I am glad that that didn't offend you cuz that wasn't my intentions just a little Iron Work humor we mess with each other all the time and ironwork let's get a rise out of somebody you know but I promise you I'm a good man I do got a ironhead myself LOL you know Ironworkers Built America we're the toughest of the bunch some people might think we're crazy I think you got be a little crazy to be able to walk a 6-inch beam over hundreds of feet feet up in the air or higher some people call us Cowboys in the sky I spent too many a day up on the beams sometimes it's pretty nice just a setup are you can see everything eat your lunch I think it's the number 6 dangerous jobs in the world I've had two of my iron working Buddies die on on the job you never know the morning you leave to go to work you may not come back home thank God that you do thank God you wake up every morning can I get a amen


----------



## SteelHead 216 (Jan 11, 2021)

Amen!!


----------



## Nickneff (Jan 11, 2021)

SteelHead 216 said:


> Amen!!


Thank you brother you got to do what you love in this world and you got to love what you do always remember God's number one then comes my family then comes me family first there's nothing no more important in this world in family


----------



## Nickneff (Jan 11, 2021)

Nickneff said:


> Thank you brother you got to do what you love in this world and you got to love what you do always remember God's number one then comes my family then comes me family first there's nothing no more important in this world in family


And true friends there's not many people in this world that can count true friends on one hand I can actually I can count on both hands that's extremely rare and this time and age


----------



## Nickneff (Jan 11, 2021)

SteelHead 216 said:


> Amen!!


Steelhead I like you brother you ever have any questions about bottles if I can answer them I damn sure will for you look me up sometime if you come down to Louisville Kentucky give you my number 502-457-1935 have a good with my man catch you later


----------



## Nickneff (Jan 11, 2021)

Nickneff said:


> Steelhead I like you brother you ever have any questions about bottles if I can answer them I damn sure will for you look me up sometime if you come down to Louisville Kentucky give you my number 502-457-1935 have a good with my man catch you later


We don't have any steelhead down here I don't believe I do know where a couple honey hole Farm ponds are


----------



## coreya (Jan 12, 2021)

looks like whats left of a Nash's prepared mustard jar also called a lucky joe bank, see pat des 112,688 from the mid 30's


----------



## Digswithstick (Jan 13, 2021)

Yep ,lucky joe mustard.
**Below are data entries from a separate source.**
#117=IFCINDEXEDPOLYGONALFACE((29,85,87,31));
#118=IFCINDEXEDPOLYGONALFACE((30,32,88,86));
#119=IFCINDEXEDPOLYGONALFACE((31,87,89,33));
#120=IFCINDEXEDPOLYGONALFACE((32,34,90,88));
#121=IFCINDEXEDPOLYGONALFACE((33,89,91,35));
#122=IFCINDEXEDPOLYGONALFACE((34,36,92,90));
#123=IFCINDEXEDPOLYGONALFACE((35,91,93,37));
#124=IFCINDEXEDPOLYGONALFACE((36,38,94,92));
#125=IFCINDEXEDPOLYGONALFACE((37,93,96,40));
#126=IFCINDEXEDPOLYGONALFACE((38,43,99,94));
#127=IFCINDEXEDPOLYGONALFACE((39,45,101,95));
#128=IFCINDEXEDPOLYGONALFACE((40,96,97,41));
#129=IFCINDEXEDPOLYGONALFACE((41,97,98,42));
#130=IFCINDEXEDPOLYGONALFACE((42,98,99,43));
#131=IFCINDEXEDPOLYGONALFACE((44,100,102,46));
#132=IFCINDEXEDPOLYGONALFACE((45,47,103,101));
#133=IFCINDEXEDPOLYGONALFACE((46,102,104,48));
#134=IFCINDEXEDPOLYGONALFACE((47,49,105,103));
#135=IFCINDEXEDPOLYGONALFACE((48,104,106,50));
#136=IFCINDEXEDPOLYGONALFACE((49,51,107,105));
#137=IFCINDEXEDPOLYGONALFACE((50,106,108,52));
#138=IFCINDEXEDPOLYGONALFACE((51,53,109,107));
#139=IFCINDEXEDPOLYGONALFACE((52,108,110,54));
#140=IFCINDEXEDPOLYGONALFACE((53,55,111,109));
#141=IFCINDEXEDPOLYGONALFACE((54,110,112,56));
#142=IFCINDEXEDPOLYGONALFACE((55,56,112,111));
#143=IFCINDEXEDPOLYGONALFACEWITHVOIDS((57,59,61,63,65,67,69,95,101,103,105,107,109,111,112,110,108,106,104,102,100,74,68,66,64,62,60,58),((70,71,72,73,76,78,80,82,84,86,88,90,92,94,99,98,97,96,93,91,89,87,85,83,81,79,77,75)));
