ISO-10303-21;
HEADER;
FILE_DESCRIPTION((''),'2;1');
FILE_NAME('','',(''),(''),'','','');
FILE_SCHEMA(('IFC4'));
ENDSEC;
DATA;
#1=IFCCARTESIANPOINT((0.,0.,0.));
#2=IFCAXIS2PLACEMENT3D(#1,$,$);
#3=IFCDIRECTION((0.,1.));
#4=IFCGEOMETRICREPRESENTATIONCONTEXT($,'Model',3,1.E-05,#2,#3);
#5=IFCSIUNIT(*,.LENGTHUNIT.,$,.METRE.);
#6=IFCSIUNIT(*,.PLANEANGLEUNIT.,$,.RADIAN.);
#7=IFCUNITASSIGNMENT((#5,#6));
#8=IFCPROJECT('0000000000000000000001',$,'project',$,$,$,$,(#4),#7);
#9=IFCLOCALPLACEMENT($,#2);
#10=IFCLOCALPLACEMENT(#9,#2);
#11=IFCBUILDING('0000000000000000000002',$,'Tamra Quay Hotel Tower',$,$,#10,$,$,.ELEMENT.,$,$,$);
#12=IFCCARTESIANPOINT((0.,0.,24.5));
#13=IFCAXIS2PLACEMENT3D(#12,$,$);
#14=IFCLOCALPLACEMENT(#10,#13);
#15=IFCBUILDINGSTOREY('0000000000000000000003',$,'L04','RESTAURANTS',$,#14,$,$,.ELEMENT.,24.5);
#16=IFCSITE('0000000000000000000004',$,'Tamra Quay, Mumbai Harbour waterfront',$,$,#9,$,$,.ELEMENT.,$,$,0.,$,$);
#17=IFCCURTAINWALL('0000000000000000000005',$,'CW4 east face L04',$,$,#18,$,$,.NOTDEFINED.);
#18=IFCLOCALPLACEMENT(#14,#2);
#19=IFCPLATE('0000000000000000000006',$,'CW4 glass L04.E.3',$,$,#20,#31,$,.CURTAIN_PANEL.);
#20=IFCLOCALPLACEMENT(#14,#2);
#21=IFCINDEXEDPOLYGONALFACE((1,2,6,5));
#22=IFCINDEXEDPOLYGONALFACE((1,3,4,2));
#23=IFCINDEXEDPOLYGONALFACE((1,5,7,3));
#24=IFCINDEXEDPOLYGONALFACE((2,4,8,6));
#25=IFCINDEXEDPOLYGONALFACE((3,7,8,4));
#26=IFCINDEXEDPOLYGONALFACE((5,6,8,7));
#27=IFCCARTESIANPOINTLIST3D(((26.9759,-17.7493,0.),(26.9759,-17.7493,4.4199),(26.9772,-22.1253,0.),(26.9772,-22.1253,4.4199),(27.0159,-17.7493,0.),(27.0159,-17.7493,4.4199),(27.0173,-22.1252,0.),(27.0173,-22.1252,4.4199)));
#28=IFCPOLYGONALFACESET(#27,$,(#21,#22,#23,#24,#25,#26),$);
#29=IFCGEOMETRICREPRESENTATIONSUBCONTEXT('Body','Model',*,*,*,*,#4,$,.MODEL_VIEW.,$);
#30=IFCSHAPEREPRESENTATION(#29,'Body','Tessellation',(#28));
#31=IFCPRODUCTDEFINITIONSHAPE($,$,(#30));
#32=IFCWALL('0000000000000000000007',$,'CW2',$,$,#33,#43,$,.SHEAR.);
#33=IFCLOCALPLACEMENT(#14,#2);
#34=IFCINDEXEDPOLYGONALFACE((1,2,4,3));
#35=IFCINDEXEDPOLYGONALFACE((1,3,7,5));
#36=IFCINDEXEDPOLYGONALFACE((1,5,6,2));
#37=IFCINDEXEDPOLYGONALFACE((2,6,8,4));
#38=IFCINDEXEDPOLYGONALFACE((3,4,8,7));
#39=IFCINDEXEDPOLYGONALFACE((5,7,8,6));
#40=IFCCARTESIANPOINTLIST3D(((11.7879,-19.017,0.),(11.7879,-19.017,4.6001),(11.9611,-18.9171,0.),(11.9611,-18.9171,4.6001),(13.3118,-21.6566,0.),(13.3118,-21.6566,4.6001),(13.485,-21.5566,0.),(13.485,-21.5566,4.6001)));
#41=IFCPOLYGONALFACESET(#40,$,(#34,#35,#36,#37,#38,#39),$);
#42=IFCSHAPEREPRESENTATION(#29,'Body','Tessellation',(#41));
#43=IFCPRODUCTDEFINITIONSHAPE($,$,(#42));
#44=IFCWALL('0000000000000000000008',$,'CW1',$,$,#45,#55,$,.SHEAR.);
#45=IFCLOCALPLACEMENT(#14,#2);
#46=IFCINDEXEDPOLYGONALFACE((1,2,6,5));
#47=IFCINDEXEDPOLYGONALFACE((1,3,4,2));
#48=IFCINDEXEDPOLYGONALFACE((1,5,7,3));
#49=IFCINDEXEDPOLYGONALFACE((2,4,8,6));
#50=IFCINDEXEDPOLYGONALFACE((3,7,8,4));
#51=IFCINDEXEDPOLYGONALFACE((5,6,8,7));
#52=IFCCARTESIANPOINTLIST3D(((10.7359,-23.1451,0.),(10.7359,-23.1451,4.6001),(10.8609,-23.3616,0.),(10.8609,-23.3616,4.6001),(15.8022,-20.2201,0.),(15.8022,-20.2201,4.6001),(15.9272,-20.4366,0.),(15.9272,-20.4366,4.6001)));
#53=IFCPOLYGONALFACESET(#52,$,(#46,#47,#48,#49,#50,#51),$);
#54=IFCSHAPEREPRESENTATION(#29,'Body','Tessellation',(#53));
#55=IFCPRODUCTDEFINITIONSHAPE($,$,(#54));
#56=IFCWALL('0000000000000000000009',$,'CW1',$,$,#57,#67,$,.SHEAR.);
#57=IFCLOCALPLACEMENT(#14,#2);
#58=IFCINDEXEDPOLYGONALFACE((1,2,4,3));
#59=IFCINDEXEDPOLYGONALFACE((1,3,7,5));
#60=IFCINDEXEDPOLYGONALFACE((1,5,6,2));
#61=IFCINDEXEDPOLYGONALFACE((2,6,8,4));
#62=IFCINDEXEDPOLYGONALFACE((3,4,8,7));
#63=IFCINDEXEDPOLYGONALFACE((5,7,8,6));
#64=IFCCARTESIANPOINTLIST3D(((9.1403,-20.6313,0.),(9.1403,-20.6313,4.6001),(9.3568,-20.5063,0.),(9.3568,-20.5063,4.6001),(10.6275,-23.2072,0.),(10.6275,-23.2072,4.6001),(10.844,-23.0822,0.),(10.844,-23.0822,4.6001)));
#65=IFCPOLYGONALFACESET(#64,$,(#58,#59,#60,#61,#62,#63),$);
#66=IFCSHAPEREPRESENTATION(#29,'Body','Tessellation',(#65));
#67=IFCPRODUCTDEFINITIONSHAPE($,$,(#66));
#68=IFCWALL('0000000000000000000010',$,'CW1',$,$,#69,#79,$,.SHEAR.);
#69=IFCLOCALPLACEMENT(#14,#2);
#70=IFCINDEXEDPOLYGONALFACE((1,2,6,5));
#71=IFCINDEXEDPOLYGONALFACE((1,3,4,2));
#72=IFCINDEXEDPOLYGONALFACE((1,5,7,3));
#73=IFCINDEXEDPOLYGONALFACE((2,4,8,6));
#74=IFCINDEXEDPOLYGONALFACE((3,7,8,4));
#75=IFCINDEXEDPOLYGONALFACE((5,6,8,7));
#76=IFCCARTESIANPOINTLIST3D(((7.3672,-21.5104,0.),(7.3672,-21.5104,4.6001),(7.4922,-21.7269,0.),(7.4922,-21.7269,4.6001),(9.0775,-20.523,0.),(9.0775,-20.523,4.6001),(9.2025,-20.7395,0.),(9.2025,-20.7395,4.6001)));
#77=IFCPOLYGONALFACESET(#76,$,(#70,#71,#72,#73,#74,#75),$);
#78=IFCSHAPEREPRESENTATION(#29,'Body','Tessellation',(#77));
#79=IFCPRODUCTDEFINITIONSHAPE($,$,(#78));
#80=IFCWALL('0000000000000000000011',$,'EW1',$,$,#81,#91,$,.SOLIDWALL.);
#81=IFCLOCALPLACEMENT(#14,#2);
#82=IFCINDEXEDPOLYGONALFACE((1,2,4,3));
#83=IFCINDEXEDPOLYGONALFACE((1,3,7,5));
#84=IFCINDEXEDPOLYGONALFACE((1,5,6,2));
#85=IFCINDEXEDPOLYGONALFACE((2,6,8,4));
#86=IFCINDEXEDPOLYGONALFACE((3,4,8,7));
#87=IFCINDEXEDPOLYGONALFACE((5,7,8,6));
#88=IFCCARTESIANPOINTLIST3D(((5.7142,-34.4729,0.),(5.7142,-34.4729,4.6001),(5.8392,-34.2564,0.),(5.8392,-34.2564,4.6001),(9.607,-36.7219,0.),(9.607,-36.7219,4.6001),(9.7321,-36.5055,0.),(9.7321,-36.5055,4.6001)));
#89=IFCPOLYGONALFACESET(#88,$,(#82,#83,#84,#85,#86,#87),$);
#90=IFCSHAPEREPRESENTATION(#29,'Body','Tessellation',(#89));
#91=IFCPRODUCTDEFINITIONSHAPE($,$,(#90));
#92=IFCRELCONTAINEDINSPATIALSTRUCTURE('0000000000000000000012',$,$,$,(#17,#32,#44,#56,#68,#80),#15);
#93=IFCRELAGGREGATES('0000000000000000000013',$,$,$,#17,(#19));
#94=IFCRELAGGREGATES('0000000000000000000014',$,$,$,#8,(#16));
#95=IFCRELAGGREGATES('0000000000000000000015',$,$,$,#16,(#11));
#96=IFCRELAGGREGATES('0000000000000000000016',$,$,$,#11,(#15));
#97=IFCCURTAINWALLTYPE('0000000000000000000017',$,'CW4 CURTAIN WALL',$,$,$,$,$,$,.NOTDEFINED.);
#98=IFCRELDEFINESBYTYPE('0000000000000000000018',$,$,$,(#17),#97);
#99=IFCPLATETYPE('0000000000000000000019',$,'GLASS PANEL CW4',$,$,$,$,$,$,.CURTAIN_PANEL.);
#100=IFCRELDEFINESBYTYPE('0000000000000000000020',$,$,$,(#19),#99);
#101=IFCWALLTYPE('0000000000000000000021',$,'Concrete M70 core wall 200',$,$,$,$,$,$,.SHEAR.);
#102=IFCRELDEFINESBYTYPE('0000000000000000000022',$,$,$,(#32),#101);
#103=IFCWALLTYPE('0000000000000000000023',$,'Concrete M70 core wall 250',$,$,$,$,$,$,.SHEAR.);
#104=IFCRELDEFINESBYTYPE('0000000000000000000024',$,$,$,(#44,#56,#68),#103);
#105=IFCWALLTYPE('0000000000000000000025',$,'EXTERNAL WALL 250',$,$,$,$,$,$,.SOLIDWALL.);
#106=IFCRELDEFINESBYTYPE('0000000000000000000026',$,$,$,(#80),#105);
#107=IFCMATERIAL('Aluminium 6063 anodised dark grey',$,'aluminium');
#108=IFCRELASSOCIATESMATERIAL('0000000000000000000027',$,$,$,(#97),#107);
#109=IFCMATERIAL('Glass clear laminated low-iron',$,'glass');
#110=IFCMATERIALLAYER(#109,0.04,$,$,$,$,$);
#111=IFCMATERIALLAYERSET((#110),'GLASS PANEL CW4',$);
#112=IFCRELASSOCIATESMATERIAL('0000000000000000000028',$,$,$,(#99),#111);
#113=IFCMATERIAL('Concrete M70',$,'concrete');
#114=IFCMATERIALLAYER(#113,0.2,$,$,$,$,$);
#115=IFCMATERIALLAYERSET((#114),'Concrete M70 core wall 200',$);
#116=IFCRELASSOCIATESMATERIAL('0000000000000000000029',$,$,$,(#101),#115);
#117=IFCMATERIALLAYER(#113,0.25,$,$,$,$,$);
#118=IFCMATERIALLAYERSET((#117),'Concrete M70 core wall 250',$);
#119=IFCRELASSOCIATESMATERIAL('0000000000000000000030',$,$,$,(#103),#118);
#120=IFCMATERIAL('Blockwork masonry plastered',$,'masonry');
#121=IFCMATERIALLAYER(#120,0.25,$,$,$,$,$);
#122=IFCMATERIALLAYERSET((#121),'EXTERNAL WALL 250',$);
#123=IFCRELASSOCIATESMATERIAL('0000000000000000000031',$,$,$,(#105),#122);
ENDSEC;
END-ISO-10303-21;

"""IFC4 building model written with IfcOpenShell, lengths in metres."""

from ifc_helpers import new_model, si_unit, direction, frame, frame_2d, origin, origin_2d, place, context, subcontext, project, spatial, rectangle, extrude, material, layer, layer_set, type_object, element, aggregate, save


model = new_model("IFC4")

# Units and contexts
model_context = context("Model", 3, precision=1e-05, world=origin(), true_north=direction((0.0, 1.0)))
body_context = subcontext(model_context, "Body", "Model", "MODEL_VIEW")
ifc_project = project(units=[si_unit("LENGTHUNIT", "METRE"), si_unit("PLANEANGLEUNIT", "RADIAN")], contexts=[model_context])

# Site, building, storey
site_placement = place(None, origin())
site = spatial("IfcSite", under=ifc_project, at=site_placement, Name="Tamra Quay, Mumbai Harbour waterfront", CompositionType="ELEMENT", RefElevation=0.0)
building_placement = place(site_placement, origin())
building = spatial("IfcBuilding", under=site, at=building_placement, Name="Tamra Quay Hotel Tower", CompositionType="ELEMENT")
storey_placement = place(building_placement, frame((0.0, 0.0, 24.5)))
storey = spatial("IfcBuildingStorey", under=building, at=storey_placement, Name="L04", Description="RESTAURANTS", CompositionType="ELEMENT", Elevation=24.5)

# Shared definitions
ifc_material_1 = material(Name="Concrete M70", Category="concrete")

# Curtain wall
ifc_material_2 = material(Name="Aluminium 6063 anodised dark grey", Category="aluminium")
curtain_wall_type = type_object("IfcCurtainWallType", Name="CW4 CURTAIN WALL", PredefinedType="NOTDEFINED", material=ifc_material_2)
curtain_wall_1_placement = place(storey_placement, origin())
curtain_wall_1 = element("IfcCurtainWall", 1, at=curtain_wall_1_placement, inside=storey, type_object=curtain_wall_type, Name="CW4 east face L04", PredefinedType="NOTDEFINED")

# Plate
ifc_material_3 = material(Name="Glass clear laminated low-iron", Category="glass")
ifc_layer_1 = layer(ifc_material_3, 0.04)
ifc_layer_set_1 = layer_set([ifc_layer_1], Name="GLASS PANEL CW4")
plate_type = type_object("IfcPlateType", Name="GLASS PANEL CW4", PredefinedType="CURTAIN_PANEL", material=ifc_layer_set_1)
plate_1_placement = place(storey_placement, frame((26.9966, -19.9373, 0.0), z_axis=(0.0, 0.0, 1.0), x_axis=(-0.000306, 1.0, 0.0)))
plate_1 = element("IfcPlate", 2, at=plate_1_placement, type_object=plate_type, Name="CW4 glass L04.E.3", PredefinedType="CURTAIN_PANEL", context=body_context, shape_type="SweptSolid", body=[
    extrude(rectangle(XDim=4.376, YDim=0.04, at=origin_2d()), origin(), (0.0, 0.0, 1.0), 4.4199),
])
aggregate(curtain_wall_1, [plate_1])

# Walls
ifc_layer_2 = layer(ifc_material_1, 0.2)
ifc_layer_set_2 = layer_set([ifc_layer_2], Name="Concrete M70 core wall 200")
wall_type_1 = type_object("IfcWallType", Name="Concrete M70 core wall 200", PredefinedType="SHEAR", material=ifc_layer_set_2)
wall_1_placement = place(storey_placement, frame((11.8745, -18.967, 0.0), z_axis=(0.0, 0.0, 1.0), x_axis=(0.499981, -0.866036, 0.0)))
element("IfcWall", 3, at=wall_1_placement, inside=storey, type_object=wall_type_1, Name="CW2", PredefinedType="SHEAR", context=body_context, shape_type="SweptSolid", body=[
    extrude(rectangle(XDim=3.0479, YDim=0.2, at=frame_2d((1.5239, 0.0))), origin(), (0.0, 0.0, 1.0), 4.6001),
])
ifc_layer_3 = layer(ifc_material_1, 0.25)
ifc_layer_set_3 = layer_set([ifc_layer_3], Name="Concrete M70 core wall 250")
wall_type_2 = type_object("IfcWallType", Name="Concrete M70 core wall 250", PredefinedType="SHEAR", material=ifc_layer_set_3)
wall_2_placement = place(storey_placement, frame((15.8647, -20.3284, 0.0), z_axis=(0.0, 0.0, 1.0), x_axis=(-0.866029, -0.499995, 0.0)))
element("IfcWall", 4, at=wall_2_placement, inside=storey, type_object=wall_type_2, Name="CW1", PredefinedType="SHEAR", context=body_context, shape_type="SweptSolid", body=[
    extrude(rectangle(XDim=5.8501, YDim=0.25, at=frame_2d((2.925, 0.0))), origin(), (0.0, 0.0, 1.0), 4.6001),
])
wall_3_placement = place(storey_placement, frame((10.7358, -23.1448, 0.0), z_axis=(0.0, 0.0, 1.0), x_axis=(-0.500023, 0.866012, 0.0)))
element("IfcWall", 5, at=wall_3_placement, inside=storey, type_object=wall_type_2, Name="CW1", PredefinedType="SHEAR", context=body_context, shape_type="SweptSolid", body=[
    extrude(rectangle(XDim=2.9744, YDim=0.25, at=frame_2d((1.4873, 0.0))), origin(), (0.0, 0.0, 1.0), 4.6001),
])
wall_4_placement = place(storey_placement, frame((9.1399, -20.6313, 0.0), z_axis=(0.0, 0.0, 1.0), x_axis=(-0.866044, -0.499969, 0.0)))
element("IfcWall", 6, at=wall_4_placement, inside=storey, type_object=wall_type_2, Name="CW1", PredefinedType="SHEAR", context=body_context, shape_type="SweptSolid", body=[
    extrude(rectangle(XDim=1.9749, YDim=0.25, at=frame_2d((0.9873, 0.0))), origin(), (0.0, 0.0, 1.0), 4.6001),
])
ifc_material_4 = material(Name="Blockwork masonry plastered", Category="masonry")
ifc_layer_4 = layer(ifc_material_4, 0.25)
Used as bank after empty. Lid had slot in it, unfortunately my doesn't have lid.


----------



## Digswithstick (Jan 13, 2021)

had to change reply,posted peanut butter instead of mustard ,then accidentally double posted.
I also like to catch steelhead


----------



## Nickneff (Jan 13, 2021)

SteelHead 216 said:


> Dont have any idea what it is


I was totally wrong about that I have never seen one of those I've never dug one of those but they're pretty doggone cool I like it


----------



## hemihampton (Jan 13, 2021)

I hate digging mustard, ketchup, condiment jars or bottles, But that's one I'd like to dig. LEON.


----------



## EvansBottles (Jan 20, 2021)

I believe it is a mustard jar. I the design of an African American's head. They are ABM screw top jars.


----------